2. Artificial Intelligence:
The intelligence proved by machines is known as Artificial Intelligence. Artificial Intelligence
has grown to be very popular in today’s world. It is the recreation of natural intelligence in
machines that are programmed to learn and impressionist the actions of humans. These
machines are able to learn with experience and perform human-like tasks. As technologies such
as AI continue to grow, they will have a great impact on our quality of life. It’s but natural that
everyone today wants to connect with AI technology somehow, may it be as an end-user or
following a career in Artificial Intelligence.[1]

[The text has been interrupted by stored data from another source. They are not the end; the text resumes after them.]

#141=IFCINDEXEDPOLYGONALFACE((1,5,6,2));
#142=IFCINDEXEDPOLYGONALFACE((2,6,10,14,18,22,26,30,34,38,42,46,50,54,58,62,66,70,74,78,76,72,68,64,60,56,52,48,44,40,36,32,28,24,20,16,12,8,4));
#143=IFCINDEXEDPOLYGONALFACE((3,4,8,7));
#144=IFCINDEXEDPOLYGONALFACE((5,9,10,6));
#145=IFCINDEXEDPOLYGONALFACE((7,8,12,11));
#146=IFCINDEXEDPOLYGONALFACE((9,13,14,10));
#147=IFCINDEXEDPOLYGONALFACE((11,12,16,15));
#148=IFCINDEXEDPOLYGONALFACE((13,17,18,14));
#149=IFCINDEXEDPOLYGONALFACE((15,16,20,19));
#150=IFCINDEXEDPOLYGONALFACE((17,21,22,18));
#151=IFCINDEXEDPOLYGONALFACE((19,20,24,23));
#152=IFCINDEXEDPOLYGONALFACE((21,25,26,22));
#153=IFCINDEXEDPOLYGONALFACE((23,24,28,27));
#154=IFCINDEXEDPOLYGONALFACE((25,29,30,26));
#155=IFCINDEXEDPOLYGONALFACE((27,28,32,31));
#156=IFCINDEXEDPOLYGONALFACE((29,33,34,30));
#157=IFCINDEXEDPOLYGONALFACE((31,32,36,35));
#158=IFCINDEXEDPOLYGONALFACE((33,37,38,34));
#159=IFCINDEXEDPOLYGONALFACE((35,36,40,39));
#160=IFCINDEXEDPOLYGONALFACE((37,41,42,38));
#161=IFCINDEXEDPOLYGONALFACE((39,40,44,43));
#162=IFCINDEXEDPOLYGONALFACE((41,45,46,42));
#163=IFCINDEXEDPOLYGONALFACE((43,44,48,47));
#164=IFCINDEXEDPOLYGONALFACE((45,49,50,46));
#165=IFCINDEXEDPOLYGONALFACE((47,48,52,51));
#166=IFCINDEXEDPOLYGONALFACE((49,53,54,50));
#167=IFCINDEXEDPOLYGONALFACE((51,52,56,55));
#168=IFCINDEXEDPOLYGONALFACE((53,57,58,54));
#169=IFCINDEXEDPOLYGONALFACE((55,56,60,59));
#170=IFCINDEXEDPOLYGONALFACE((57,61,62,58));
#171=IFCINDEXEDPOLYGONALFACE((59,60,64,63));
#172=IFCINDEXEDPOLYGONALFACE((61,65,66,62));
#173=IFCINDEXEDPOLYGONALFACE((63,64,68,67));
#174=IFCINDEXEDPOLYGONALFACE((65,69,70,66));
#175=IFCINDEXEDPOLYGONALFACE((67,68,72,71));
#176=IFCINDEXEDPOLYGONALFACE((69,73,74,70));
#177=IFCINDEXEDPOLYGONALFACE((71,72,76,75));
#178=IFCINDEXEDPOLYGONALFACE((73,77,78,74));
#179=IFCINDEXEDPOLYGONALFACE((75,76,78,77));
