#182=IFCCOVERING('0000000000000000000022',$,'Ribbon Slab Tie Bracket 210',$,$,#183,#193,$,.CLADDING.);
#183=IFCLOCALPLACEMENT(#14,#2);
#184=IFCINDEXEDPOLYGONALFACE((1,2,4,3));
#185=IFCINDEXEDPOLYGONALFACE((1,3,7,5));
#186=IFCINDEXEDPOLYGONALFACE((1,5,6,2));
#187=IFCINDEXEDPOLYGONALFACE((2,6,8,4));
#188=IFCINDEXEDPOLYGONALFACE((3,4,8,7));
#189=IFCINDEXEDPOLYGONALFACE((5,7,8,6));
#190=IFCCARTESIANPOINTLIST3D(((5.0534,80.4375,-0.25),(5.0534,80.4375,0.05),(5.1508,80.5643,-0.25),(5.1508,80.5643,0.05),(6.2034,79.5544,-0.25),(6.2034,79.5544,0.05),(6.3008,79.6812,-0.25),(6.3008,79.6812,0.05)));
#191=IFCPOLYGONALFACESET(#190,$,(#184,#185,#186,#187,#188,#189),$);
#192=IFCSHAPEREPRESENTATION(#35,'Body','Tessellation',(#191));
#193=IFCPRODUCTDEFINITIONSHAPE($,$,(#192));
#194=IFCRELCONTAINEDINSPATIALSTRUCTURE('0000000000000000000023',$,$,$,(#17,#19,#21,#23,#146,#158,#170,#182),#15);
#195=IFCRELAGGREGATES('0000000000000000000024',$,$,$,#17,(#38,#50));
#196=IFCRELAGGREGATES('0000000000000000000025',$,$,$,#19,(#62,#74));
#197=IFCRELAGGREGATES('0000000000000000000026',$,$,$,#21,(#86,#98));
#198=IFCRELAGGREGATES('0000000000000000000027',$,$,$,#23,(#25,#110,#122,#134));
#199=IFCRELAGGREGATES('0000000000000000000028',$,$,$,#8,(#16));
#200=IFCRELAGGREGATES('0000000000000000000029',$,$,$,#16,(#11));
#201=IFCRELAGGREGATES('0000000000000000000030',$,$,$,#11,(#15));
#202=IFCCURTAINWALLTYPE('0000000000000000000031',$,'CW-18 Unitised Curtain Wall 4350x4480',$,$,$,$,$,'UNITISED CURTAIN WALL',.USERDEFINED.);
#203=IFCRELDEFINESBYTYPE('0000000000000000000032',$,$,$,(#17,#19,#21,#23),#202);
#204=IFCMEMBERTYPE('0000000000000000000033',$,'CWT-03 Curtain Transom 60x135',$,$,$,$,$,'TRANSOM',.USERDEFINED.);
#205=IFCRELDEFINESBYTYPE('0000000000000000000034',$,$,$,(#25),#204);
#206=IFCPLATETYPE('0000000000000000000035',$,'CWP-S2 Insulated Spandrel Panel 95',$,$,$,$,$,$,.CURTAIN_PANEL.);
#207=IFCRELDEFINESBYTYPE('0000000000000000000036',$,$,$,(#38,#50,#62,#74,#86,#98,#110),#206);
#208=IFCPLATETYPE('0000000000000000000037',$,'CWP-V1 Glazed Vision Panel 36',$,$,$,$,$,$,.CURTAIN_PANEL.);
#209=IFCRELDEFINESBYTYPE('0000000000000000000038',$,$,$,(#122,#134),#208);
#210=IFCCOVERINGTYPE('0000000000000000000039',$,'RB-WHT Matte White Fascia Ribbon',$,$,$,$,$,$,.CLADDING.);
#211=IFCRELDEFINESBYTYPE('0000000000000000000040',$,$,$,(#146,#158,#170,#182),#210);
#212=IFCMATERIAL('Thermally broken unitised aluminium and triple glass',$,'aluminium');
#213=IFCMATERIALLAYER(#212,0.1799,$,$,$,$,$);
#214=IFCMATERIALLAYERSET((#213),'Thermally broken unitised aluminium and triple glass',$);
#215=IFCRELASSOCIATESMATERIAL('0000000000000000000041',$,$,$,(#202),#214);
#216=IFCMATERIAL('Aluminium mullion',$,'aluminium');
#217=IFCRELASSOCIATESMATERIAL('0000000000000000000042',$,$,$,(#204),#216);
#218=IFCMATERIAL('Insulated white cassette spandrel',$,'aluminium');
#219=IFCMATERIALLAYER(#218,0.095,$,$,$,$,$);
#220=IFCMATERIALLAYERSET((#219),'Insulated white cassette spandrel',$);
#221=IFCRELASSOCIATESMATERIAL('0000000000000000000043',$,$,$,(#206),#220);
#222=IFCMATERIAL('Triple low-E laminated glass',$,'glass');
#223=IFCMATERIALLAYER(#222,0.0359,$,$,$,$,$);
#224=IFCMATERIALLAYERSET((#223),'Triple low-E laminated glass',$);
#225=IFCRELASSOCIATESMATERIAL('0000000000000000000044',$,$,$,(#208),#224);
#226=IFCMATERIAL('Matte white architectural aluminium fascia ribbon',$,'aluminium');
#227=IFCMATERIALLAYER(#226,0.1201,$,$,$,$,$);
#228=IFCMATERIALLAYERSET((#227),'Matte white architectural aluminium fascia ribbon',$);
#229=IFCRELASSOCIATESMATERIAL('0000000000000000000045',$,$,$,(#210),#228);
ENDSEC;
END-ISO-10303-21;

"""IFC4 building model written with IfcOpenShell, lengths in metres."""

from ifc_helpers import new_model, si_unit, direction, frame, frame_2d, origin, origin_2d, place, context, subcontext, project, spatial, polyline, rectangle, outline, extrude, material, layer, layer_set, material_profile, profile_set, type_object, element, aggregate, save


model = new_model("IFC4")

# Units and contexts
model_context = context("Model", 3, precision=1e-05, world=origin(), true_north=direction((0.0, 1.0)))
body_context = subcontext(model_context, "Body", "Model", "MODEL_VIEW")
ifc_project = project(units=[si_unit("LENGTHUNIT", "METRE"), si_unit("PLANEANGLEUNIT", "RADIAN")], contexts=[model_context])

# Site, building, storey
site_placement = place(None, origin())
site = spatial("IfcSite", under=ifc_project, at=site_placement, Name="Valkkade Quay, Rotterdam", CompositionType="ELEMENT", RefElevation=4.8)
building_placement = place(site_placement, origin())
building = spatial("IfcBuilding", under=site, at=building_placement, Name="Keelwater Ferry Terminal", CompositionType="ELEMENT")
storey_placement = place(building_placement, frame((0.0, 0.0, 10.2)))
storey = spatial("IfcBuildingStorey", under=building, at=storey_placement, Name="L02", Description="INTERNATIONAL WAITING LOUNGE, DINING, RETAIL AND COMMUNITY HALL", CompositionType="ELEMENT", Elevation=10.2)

2.1 Introduction to Artificial Intelligence
The short answer to What is Artificial Intelligence is that it depends on who you ask.

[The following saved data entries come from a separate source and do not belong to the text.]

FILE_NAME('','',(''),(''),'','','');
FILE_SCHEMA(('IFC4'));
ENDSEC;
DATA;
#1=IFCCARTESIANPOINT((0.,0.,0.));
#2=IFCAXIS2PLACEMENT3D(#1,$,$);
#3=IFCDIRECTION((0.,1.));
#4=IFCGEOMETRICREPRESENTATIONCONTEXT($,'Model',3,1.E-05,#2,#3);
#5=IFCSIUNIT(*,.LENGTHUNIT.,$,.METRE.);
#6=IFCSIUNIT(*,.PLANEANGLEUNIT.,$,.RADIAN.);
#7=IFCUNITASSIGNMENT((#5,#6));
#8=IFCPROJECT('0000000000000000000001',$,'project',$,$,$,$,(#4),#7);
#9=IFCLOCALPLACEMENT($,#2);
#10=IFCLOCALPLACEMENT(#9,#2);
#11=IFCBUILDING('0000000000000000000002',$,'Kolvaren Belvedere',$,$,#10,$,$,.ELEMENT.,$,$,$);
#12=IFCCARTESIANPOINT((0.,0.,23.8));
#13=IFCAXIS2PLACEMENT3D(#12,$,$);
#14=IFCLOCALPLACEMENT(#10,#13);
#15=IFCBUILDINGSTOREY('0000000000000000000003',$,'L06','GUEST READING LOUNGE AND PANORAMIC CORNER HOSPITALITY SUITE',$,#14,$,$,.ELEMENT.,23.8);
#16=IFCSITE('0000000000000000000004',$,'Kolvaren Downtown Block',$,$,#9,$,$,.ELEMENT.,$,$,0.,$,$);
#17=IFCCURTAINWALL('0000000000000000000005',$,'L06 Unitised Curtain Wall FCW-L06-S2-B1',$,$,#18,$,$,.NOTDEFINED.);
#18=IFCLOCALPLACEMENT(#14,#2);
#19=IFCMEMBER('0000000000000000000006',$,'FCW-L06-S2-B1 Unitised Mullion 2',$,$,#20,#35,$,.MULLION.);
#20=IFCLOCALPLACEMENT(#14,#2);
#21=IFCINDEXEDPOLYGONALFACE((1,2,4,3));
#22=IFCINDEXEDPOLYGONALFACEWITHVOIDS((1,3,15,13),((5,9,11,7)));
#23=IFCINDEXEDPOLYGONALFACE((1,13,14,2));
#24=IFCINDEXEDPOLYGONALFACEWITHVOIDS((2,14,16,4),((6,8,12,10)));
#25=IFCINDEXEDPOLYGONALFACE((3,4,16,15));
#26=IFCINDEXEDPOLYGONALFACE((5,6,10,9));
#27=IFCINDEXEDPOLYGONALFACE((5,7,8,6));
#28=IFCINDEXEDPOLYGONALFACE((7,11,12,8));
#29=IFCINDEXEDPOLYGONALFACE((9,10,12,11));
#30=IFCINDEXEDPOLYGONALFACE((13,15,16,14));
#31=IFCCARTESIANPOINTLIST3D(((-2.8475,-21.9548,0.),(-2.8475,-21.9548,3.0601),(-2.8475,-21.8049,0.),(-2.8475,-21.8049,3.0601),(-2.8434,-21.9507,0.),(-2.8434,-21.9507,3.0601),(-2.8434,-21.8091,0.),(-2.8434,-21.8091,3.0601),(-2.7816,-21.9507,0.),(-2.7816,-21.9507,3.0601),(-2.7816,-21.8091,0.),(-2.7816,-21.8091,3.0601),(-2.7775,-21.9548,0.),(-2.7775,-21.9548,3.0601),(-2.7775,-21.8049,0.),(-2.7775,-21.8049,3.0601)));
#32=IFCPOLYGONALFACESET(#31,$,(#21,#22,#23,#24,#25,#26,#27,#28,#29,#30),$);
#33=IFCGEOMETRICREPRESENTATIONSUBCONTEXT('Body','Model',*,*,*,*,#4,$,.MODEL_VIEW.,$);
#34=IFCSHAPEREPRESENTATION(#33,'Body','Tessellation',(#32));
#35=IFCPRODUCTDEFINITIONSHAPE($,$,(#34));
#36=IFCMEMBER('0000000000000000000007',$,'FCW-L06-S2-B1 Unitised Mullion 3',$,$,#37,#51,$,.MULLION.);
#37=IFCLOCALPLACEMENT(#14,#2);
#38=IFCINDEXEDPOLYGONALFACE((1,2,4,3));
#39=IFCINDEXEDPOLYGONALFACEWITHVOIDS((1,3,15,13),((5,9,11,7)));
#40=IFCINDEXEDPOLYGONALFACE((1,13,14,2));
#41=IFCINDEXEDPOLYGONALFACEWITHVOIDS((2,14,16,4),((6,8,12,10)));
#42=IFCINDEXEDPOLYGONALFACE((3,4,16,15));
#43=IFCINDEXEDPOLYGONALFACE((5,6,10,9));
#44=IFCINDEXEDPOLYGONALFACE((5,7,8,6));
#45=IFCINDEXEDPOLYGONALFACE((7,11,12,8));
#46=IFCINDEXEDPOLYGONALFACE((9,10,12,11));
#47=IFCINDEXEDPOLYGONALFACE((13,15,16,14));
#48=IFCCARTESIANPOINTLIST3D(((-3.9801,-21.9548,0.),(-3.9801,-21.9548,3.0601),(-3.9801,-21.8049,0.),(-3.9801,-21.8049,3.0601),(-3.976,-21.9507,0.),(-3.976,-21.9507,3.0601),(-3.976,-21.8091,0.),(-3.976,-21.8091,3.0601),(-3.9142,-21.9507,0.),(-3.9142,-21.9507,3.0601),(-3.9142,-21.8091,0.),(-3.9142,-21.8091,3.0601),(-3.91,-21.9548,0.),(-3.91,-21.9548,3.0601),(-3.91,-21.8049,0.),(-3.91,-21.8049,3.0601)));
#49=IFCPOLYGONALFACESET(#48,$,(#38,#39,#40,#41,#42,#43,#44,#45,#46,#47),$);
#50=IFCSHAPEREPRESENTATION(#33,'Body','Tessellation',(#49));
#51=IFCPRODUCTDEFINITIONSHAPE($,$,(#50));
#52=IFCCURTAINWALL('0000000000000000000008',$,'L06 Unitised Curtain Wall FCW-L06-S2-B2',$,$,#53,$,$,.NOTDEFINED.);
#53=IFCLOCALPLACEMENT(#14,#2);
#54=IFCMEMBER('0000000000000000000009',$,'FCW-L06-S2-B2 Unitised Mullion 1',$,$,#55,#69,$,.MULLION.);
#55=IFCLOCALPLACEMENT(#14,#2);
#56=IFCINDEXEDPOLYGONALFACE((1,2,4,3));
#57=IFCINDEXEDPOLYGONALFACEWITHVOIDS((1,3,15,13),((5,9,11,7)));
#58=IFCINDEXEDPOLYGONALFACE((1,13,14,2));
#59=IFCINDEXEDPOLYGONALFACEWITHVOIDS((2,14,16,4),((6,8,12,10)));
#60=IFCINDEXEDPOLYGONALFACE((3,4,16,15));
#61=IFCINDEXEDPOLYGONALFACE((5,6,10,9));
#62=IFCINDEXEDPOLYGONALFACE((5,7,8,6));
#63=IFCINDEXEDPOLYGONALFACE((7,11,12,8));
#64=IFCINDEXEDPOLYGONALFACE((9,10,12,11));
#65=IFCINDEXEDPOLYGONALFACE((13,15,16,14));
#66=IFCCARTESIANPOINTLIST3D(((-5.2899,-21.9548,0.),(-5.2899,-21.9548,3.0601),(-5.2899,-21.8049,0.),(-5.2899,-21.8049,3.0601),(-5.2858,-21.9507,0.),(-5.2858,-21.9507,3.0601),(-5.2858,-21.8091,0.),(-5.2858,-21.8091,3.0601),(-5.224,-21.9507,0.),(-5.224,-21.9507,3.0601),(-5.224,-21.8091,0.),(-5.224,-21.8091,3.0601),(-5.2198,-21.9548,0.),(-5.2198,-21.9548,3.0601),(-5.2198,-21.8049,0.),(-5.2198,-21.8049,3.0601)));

A layman with a brief understanding of technology would link it to robots. They’d say
Artificial Intelligence is a terminator like-figure that can act and think on its own.
If you ask about artificial intelligence to an AI researcher, (s)he would say that it’s a set of
algorithms that can produce results without having to be explicitly instructed to do so.[1]

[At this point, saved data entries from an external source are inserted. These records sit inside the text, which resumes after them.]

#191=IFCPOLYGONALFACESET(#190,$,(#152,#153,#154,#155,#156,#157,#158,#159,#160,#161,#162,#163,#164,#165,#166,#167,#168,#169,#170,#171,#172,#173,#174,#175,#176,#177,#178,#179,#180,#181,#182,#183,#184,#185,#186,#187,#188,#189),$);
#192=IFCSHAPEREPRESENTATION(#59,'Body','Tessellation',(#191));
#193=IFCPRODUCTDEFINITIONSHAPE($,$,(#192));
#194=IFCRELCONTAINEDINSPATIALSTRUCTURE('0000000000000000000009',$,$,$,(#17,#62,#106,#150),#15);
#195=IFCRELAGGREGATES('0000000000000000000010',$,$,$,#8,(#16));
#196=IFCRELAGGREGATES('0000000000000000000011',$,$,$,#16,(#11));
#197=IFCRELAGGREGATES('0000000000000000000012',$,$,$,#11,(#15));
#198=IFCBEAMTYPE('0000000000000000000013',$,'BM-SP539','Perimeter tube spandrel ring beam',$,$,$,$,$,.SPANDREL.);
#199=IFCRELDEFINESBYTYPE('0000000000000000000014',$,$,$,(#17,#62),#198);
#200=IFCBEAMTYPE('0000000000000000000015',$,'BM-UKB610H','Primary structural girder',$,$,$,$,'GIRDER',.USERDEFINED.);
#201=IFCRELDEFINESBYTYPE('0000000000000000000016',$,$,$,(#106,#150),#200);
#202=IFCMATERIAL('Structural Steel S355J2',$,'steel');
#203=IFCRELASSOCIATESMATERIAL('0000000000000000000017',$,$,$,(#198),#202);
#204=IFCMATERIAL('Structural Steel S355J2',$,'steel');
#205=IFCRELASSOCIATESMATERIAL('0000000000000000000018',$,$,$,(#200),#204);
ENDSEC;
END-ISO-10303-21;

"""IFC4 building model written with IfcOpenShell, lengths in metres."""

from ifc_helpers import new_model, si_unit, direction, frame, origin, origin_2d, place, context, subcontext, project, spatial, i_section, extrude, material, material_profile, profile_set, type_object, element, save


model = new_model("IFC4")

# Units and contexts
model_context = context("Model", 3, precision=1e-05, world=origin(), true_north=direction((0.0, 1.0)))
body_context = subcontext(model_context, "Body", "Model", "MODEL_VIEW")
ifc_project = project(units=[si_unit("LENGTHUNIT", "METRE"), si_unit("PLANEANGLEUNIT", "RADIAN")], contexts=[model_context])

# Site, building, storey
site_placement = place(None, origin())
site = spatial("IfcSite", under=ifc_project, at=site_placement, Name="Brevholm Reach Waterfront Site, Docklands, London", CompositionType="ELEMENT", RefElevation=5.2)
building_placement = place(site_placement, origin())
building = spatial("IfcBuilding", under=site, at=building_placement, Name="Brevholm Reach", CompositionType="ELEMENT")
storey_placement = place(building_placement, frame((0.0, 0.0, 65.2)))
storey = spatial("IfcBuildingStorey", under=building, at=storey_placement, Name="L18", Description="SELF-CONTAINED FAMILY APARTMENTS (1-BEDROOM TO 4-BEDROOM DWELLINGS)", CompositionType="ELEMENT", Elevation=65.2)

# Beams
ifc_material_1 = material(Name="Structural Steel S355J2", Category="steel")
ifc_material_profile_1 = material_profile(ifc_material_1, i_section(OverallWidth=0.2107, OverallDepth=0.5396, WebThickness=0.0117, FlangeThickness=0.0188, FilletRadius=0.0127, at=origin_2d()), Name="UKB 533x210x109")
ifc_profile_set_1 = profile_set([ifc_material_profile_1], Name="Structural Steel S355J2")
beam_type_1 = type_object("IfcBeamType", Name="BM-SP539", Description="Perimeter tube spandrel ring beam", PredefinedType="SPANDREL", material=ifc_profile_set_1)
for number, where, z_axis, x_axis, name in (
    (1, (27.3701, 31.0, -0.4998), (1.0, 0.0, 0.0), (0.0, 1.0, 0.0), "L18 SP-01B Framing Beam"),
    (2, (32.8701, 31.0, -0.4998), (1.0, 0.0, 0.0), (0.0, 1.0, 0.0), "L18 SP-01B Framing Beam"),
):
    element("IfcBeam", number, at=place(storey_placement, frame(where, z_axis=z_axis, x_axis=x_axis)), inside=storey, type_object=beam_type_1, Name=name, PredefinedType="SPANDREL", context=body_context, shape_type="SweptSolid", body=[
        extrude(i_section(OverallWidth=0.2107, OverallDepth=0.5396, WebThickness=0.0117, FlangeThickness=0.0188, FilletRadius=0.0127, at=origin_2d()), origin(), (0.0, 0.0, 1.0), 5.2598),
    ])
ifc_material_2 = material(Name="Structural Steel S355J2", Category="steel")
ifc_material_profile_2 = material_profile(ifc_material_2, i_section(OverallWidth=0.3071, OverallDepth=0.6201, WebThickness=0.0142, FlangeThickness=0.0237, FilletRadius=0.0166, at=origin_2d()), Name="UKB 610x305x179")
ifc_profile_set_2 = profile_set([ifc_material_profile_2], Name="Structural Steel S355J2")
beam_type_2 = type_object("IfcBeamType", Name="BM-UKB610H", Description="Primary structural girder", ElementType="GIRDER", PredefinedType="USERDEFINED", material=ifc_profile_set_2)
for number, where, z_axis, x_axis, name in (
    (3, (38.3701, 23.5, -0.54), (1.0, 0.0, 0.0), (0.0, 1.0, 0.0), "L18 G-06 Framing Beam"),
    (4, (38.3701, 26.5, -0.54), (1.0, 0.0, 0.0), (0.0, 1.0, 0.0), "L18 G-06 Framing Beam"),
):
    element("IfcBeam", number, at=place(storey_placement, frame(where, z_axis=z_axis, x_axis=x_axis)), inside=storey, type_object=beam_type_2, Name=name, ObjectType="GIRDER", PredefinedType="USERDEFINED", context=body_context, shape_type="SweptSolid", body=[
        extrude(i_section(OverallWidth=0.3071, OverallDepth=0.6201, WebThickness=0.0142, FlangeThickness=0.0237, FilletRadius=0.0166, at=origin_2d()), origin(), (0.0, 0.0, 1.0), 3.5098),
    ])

2.2 How Artificial Intelligence Works?
To understand How Artificial Intelligence actually works, one needs to deep dive into the
various sub-domains of Artificial Intelligence and understand how those domains could be
applied to the various fields of the industry.
Machine Learning: ML teaches a machine how to make inferences and decisions
based on past experience. It identifies patterns, analyses past data to infer the
meaning of these data points to reach a possible conclusion without having to
involve human experience. This automation to reach conclusions by evaluating data,
saves a human time for businesses and helps them make a better decision.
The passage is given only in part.